Modell 8K FD (Herstellerbezeichnung 8K, auch als 8K Carp gelistet)
EAN 4718947028334
Bauart Big-Pit-Weitwurfrolle mit Frontbremse
Lager 5 Kugellager + 1 Rollenlager
Übersetzung 4,7:1
Schnureinzug 108 cm pro Kurbelumdrehung
Max. Bremskraft 18,0 kg
Schnurfassung 620 m / 0,33 mm · 550 m / 0,35 mm · 470 m / 0,38 mm
Gewicht 743 g laut Okuma (Händler nennen 750 g)
Spulenhub 45 mm (Super Long Stroke)
Bremssystem Multi-Disc-Frontbremse mit geölten Filzscheiben und Carbon-Unterlegscheiben
Bremsverstellung Fast Drag System (kurzer Verstellweg)
Bremsabdichtung Hydro Block, wasserdichte Bremsdichtung
Rücklaufsperre Quick-Set-Rollenlager, stufenlos
Getriebe Precision Worm Shaft, präzisionsgefrästes Messingritzel
Schnurverlegung Slow Oscillation System
Rotor CFR (Cyclonic Flow Rotor) mit Rotor-Bremssystem
Spule bearbeitete Aluminiumspule
Schnurclips zwei Schnurclips aus Edelstahl
Kurbel Präzisions-Zinkkurbelarm mit Holzknauf
Gehäuse korrosionsbeständiges Graphit
Ersatzspule nicht im Lieferumfang, als Zubehör erhältlich

Angaben laut Hersteller-Datenblatt und Händlerlistung, Abweichungen sind in der Tabelle vermerkt.

Unsere Einordnung

Das spricht dafür

  • 18 kg maximale Bremskraft sind der höchste Wert im Vergleichsfeld, die Bremse arbeitet dadurch im Fischeinsatz weit unterhalb ihrer Grenze
  • 550 m in 0,35 mm sind fast doppelt so viel wie bei den meisten Big-Pit-Rollen dieser Preisklasse
  • Die Hydro-Block-Dichtung hält Wasser aus dem Bremspaket, ein selten verbautes Detail bei rund 100 €
  • 108 cm Einzug pro Kurbelumdrehung: eine Montage aus 100 m ist in rund 93 Umdrehungen zurück
  • Das Worm-Shaft-Getriebe mit Slow Oscillation legt die Schnur sehr gleichmäßig ab, was auf einer Long-Stroke-Spule direkt Wurfweite bedeutet
  • Zwei Edelstahl-Schnurclips statt einem, du kannst zwei Distanzen gleichzeitig markieren

Das spricht dagegen

  • 743 g machen sie zur schwersten Rolle im Vergleichsfeld, 143 g mehr als die Daiwa Crosscast 5000C
  • Kein Freilauf: für den klassischen Ansitz brauchst du einen Bissanzeiger oder eine weich gestellte Bremse
  • Der Zinkkurbelarm ist schwerer als eine gefräste Aluminiumkurbel und trägt zum Gesamtgewicht bei
  • Okuma weist 743 g aus, mehrere Händler nennen 750 g; die Differenz bleibt unerklärt
  • Eine Ersatzspule liegt nicht bei, sie muss separat gekauft werden

Bewertung im Detail

Bremse 4,5
Ausstattung 3,5
Wurfweite & Spule 4,5
Preis-Leistung 4,5

Gesamtnote (Mittelwert der Teilnoten): 4,3 / 5

Die Okuma 8K FD ist die Rolle, die in Datenblatt-Vergleichen regelmäßig irritiert: 18 Kilogramm Bremskraft, 550 Meter Schnurfassung in 0,35 Millimeter und 108 Zentimeter Einzug pro Kurbelumdrehung, zu einem Handelspreis ab 99,75 €. Rollen mit diesen Werten kosten sonst das Doppelte.
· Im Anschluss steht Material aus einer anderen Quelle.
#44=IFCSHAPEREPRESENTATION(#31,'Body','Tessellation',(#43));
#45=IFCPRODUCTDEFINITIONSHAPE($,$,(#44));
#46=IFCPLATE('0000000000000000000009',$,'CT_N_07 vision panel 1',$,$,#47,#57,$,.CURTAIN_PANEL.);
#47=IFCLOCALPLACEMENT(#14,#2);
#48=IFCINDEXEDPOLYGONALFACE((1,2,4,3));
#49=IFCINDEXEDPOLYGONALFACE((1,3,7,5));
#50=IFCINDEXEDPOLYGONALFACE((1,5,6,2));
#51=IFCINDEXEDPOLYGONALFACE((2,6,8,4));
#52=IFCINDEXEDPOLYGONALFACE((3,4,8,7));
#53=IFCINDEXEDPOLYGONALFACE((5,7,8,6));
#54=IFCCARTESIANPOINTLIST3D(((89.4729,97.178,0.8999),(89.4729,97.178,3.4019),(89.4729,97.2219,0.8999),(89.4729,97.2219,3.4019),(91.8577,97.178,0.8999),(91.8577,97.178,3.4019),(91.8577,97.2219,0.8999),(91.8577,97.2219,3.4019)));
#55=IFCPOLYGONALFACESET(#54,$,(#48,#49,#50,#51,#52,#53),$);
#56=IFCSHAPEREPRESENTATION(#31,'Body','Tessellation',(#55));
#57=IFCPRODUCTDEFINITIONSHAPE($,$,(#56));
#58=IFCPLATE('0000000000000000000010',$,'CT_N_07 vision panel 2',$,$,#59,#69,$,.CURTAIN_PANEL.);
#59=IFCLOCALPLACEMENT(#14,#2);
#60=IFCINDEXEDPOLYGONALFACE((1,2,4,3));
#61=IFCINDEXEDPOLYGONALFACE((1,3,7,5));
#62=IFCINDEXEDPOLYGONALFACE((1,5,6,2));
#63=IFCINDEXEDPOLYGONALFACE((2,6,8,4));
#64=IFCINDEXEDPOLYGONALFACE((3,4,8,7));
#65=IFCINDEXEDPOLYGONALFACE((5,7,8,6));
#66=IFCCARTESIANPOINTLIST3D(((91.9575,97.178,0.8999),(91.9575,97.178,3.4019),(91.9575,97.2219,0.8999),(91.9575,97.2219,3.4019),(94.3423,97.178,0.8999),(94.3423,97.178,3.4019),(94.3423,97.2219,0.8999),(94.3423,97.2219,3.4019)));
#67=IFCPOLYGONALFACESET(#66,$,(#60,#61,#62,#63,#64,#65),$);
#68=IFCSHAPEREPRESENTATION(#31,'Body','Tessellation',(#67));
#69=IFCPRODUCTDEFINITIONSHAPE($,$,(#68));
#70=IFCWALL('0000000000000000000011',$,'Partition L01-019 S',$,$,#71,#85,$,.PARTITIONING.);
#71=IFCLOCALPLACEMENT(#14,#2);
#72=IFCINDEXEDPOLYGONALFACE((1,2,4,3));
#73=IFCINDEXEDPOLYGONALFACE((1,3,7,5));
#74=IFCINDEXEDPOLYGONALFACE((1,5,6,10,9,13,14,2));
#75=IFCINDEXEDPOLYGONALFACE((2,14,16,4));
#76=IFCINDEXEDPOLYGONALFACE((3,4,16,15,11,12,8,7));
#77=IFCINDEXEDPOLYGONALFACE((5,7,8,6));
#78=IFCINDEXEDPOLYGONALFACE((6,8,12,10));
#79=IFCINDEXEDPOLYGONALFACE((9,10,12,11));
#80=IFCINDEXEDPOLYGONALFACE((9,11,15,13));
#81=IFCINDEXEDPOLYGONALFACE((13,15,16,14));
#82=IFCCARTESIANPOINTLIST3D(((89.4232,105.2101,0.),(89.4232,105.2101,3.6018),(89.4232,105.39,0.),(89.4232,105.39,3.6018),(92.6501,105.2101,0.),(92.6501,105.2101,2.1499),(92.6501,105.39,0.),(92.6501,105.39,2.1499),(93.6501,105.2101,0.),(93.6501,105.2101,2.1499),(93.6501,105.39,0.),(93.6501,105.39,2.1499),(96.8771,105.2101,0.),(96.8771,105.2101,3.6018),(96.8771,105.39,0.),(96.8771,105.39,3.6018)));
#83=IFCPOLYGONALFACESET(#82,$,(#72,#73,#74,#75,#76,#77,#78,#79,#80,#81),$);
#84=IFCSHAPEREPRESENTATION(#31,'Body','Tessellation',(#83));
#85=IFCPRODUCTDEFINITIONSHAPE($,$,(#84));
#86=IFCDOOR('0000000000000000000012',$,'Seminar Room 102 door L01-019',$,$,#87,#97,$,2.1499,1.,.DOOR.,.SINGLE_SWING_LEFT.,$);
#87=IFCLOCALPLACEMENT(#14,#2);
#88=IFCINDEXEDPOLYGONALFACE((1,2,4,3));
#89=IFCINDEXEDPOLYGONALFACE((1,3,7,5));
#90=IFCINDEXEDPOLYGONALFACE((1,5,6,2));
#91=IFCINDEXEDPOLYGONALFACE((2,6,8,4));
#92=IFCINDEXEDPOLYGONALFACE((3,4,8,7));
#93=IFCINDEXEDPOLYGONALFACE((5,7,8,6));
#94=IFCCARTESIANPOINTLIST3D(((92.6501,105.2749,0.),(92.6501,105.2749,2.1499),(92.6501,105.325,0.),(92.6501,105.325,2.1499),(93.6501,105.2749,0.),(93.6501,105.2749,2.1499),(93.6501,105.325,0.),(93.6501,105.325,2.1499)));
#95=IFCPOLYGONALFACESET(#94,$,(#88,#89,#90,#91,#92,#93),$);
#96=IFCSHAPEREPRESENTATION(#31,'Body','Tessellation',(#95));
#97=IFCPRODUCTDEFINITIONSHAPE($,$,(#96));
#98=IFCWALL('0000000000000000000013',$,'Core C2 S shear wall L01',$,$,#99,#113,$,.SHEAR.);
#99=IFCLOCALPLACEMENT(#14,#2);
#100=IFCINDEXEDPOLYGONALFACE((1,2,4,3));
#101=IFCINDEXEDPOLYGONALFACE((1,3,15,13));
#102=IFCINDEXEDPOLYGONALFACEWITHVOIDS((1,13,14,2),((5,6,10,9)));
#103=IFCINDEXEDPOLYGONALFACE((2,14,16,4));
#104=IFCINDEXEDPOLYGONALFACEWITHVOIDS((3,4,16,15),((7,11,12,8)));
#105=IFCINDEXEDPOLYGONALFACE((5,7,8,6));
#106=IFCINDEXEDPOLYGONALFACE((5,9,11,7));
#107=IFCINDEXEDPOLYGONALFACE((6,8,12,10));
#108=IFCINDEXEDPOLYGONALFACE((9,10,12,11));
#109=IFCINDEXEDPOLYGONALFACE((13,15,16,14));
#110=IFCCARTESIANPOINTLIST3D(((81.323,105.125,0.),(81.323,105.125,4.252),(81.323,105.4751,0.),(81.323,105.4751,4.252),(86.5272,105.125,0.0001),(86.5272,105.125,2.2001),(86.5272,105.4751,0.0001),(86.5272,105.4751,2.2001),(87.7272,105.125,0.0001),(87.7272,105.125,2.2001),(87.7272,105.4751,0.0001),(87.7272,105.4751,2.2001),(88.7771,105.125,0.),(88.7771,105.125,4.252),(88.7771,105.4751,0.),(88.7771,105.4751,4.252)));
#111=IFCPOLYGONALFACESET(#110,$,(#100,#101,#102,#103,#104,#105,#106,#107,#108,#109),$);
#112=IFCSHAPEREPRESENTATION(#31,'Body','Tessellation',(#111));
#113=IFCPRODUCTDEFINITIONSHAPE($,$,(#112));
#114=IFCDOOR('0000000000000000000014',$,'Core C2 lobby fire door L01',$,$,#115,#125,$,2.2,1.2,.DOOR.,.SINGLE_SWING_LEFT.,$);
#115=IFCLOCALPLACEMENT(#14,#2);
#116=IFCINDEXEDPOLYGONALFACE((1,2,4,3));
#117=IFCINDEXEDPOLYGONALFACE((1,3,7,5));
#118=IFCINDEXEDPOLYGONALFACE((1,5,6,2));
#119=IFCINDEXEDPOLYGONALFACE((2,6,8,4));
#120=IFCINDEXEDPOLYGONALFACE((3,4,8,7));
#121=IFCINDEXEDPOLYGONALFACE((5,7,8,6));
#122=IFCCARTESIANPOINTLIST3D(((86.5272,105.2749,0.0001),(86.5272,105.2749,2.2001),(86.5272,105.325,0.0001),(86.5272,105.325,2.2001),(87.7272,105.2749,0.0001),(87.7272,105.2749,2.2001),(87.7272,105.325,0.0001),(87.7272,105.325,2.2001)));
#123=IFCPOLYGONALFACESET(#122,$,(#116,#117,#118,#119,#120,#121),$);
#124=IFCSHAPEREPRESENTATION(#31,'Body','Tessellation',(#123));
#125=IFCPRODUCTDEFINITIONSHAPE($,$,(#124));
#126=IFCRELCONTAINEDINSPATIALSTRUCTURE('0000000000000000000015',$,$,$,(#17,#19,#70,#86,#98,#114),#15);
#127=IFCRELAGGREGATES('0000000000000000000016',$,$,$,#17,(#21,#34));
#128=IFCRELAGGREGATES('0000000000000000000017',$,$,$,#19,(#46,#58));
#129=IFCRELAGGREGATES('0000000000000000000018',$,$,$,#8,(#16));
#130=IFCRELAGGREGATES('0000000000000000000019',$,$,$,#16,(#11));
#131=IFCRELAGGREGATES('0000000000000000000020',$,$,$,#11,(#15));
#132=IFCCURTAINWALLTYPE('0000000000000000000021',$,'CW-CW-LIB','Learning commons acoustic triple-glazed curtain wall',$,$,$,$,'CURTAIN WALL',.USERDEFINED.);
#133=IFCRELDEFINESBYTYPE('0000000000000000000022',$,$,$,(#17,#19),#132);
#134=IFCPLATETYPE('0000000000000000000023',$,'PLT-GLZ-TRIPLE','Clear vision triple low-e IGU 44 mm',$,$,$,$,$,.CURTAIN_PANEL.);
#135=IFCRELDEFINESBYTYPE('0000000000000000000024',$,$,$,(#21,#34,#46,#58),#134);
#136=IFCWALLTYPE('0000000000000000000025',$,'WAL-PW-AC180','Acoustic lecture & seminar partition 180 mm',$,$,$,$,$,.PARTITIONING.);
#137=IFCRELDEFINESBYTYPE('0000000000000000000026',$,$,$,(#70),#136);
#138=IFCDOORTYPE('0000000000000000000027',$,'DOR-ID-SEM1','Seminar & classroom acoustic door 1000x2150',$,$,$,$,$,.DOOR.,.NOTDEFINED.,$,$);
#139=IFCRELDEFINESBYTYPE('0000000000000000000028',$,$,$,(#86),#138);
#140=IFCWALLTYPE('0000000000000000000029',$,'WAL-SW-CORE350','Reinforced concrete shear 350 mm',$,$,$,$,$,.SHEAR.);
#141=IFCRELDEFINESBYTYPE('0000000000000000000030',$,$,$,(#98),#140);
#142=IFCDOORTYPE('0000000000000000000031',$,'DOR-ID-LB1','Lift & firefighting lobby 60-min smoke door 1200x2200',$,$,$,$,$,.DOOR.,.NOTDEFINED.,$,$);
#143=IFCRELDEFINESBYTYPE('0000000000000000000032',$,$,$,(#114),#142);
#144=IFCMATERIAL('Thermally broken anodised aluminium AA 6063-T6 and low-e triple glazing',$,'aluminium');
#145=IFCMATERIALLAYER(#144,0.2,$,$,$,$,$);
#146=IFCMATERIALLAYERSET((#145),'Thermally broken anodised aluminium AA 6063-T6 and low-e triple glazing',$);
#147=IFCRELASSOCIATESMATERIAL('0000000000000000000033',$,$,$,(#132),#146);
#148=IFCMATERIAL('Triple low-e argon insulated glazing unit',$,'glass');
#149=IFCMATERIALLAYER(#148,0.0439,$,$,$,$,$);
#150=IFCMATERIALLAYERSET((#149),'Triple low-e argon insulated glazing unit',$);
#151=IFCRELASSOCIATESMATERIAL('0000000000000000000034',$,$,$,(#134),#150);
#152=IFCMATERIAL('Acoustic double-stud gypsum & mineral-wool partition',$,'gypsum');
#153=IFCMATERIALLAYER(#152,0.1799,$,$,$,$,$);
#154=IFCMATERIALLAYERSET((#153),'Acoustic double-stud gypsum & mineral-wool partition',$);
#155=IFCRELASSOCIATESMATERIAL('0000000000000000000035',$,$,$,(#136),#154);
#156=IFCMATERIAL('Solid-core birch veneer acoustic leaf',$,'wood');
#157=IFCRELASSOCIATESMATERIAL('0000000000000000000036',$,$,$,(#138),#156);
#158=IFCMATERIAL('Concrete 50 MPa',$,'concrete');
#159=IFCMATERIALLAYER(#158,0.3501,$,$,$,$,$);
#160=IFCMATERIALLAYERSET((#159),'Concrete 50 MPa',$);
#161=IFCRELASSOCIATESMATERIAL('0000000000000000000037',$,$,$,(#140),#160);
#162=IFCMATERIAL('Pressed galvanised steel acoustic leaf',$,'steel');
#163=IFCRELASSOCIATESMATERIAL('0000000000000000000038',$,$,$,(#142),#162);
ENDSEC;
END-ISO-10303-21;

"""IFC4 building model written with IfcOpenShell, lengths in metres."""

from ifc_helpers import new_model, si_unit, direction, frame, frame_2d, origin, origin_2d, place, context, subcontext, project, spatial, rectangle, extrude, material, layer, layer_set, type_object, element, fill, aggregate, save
Diese Rezension ordnet ein, wo Okuma das Geld hereinholt, was die Hydro-Block-Dichtung praktisch leistet und warum 743 Gramm die zentrale Gegenrechnung sind. Grundlage sind die Okuma-Datenblätter, Händlerdaten und der Vergleich mit den Wettbewerbern derselben Preisklasse.
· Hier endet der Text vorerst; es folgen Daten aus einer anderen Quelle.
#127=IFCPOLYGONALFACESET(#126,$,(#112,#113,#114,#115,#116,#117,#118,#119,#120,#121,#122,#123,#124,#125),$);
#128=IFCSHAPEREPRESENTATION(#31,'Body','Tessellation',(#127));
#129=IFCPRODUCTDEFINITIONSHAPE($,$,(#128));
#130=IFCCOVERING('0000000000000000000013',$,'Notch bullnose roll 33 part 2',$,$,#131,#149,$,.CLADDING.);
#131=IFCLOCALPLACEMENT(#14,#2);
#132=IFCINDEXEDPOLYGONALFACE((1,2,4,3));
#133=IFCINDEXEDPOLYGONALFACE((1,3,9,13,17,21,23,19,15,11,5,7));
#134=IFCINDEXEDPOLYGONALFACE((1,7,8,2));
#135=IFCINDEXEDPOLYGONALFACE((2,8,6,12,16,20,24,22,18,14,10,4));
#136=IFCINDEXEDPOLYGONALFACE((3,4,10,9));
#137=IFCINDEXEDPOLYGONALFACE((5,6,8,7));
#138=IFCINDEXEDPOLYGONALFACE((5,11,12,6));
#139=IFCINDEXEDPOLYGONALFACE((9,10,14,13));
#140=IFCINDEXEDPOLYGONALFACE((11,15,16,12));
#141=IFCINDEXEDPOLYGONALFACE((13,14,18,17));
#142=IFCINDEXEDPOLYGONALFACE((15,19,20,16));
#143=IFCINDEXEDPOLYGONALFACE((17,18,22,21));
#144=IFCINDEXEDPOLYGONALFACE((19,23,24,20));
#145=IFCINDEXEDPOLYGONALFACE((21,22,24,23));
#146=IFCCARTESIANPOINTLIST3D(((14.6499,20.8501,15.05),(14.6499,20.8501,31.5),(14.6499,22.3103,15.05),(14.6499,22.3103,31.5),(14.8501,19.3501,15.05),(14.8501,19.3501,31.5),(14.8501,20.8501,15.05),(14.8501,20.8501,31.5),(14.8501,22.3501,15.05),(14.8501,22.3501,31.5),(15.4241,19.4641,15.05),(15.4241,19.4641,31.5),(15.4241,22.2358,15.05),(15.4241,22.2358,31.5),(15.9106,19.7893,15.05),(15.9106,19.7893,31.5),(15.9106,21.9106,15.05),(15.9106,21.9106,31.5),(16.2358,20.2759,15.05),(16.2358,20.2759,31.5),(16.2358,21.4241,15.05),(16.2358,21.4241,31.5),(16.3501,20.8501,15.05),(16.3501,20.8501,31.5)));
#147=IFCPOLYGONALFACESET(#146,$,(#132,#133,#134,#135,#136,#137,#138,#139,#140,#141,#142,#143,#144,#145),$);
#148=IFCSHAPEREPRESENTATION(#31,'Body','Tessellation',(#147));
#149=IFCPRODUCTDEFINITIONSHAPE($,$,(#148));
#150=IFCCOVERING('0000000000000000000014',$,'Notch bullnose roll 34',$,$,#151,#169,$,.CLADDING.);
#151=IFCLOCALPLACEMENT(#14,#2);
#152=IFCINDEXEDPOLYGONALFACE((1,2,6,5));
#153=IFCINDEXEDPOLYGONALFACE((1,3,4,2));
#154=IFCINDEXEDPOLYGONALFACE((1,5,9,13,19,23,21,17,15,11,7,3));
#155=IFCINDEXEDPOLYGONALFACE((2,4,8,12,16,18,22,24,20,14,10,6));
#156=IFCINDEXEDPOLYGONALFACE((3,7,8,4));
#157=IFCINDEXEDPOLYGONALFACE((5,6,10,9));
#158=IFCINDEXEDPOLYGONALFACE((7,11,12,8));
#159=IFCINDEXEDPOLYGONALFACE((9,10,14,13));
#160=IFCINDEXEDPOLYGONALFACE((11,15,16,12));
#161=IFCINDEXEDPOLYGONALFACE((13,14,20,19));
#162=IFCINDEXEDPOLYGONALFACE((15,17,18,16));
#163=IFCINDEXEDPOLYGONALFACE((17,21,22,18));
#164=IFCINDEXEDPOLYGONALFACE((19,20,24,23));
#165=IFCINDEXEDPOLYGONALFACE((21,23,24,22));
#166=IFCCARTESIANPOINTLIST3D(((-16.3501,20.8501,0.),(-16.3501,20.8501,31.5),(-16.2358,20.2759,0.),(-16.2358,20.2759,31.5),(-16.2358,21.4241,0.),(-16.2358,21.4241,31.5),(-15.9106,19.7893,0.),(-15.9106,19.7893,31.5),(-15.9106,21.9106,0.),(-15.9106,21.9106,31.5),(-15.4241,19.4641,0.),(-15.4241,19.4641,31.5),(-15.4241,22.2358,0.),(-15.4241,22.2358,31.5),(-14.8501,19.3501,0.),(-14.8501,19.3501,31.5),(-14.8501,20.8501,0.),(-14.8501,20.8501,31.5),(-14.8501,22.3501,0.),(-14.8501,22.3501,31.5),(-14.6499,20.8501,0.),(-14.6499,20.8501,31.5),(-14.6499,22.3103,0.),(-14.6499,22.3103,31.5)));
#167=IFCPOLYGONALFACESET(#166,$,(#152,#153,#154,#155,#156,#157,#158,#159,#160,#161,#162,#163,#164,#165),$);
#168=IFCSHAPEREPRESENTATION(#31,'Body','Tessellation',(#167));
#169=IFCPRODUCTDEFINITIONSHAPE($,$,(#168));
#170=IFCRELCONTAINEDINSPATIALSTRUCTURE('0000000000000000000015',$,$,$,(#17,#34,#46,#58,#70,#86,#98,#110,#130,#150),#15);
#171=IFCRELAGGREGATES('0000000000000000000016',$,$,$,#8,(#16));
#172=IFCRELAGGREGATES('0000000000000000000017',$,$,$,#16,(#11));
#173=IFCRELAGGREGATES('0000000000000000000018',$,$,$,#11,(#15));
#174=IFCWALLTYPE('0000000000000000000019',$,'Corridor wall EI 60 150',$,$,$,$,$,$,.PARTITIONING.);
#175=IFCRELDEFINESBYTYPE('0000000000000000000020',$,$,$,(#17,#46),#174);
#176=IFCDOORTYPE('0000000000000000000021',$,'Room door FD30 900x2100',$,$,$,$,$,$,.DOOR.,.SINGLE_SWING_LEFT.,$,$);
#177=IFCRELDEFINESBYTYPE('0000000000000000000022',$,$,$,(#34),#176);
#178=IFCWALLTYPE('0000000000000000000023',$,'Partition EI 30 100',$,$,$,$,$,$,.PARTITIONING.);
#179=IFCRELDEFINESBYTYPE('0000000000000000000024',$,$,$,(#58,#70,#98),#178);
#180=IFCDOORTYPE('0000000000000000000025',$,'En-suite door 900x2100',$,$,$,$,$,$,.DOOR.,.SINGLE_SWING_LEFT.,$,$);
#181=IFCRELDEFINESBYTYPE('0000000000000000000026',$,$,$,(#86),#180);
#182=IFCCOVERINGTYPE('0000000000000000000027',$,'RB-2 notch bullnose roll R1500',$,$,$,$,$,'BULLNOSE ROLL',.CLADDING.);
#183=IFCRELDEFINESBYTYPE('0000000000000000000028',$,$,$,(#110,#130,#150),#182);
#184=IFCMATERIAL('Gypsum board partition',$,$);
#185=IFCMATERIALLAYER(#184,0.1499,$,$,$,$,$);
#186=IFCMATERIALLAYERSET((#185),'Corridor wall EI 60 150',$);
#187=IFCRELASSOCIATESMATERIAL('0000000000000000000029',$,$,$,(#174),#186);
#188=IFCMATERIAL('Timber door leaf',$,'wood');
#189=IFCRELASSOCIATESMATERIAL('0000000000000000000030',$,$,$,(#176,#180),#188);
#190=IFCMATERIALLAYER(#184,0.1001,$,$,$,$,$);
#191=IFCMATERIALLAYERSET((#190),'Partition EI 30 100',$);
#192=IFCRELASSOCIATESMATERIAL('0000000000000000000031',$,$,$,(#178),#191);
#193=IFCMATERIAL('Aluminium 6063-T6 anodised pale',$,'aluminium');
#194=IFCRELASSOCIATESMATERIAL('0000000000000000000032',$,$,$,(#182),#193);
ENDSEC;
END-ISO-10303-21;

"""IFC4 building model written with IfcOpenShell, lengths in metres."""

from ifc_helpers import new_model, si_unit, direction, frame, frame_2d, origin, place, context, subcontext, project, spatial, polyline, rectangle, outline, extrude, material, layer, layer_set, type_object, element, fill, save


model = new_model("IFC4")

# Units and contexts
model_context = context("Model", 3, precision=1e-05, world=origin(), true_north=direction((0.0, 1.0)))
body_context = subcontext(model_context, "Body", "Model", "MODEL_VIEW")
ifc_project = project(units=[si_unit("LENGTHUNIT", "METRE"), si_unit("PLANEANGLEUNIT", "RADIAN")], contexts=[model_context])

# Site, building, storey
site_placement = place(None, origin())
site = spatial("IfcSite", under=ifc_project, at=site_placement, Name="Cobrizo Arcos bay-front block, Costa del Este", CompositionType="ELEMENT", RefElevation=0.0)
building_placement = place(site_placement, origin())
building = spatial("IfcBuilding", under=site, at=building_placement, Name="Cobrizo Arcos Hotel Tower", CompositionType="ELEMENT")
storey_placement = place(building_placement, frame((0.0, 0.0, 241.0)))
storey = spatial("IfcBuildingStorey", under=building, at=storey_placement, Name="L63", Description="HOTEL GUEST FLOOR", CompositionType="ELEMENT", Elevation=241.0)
Ein Name, drei Schreibweisen

Vor allem anderen die Namensfrage, denn sie führt beim Kauf regelmäßig in die Irre. Okuma selbst führt die Rolle schlicht als 8K. Im deutschen Handel taucht sie als 8K FD, als 8K Carp und als “Okuma 8K Brandungsrolle” auf, alle drei bezeichnen dasselbe Produkt mit der EAN 4718947028334. Das Kürzel FD steht für Front Drag, also die Frontbremse.

Verwechslungsgefahr besteht in zwei Richtungen. Die SURF-8K ist die eigens gelistete Brandungsversion, die LS-8K ist das Modell mit Baitfeeder-Freilauf und kostet im Handel etwa gleich viel. Wer den Freilauf will, greift also zur LS. Und die 8K gibt es zusätzlich als Rutenserie (8K Carp, 8K Feeder), was Suchergebnisse zusätzlich mischt.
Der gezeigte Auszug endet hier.